Inflammation represents the immune system response to external or internal aggressors such as injury or infection in certain tissues. The body’s response to cancer has many parallels with inflammation and repair; the inflammatory cells and cytokines present in tumours are more likely to contribute to tumour growth, progression, and immunosuppression, rather than in building an effective antitumour defence.

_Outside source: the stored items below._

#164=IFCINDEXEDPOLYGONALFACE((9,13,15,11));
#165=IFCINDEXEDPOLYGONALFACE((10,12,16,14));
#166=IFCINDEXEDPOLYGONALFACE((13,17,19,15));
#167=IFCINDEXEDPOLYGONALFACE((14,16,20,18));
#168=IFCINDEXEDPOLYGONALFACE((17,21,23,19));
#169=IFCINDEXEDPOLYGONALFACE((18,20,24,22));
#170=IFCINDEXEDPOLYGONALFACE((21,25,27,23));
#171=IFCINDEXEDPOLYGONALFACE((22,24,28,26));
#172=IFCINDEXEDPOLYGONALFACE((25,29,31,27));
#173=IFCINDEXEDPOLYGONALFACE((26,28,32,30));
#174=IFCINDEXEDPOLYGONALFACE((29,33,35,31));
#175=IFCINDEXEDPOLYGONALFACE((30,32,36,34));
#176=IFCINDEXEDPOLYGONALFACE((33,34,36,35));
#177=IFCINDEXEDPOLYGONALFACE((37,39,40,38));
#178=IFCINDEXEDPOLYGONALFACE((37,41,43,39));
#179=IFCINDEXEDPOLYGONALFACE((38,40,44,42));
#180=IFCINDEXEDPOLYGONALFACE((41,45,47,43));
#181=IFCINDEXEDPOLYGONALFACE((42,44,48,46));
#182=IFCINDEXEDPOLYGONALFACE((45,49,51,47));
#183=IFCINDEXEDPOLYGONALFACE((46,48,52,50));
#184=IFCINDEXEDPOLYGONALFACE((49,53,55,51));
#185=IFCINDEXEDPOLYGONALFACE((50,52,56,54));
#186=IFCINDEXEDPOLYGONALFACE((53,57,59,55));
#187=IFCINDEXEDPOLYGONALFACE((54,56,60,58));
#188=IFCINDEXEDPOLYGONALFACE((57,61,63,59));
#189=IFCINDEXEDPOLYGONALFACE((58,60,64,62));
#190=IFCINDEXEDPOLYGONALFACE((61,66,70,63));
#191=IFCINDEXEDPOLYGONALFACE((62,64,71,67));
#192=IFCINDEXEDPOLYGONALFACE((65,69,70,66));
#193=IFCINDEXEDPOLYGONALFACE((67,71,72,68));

Using new proteomic technology, we have investigated serum profile of pro- (IL-1β, IL-6, IL-8, IL-12, GM-CSF, and TNF-α) and anti-inflammatory cytokines (IL-4, IL-10), along with angiogenic factors (VEGF, bFGF) in order to assess tumoural aggressiveness. Our results indicate significant dysregulation in serum levels of cytokines and angiogenic factors, with over threefold upregulation of IL-6, IL-1β, TNF-α, and IL-10 and up to twofold upregulation of VEGF, FGF-2, IL-8, IL-2, and GM-CSF. These molecules are involved in tumour progression and aggressiveness, and are also involved in a generation of disease associated pain.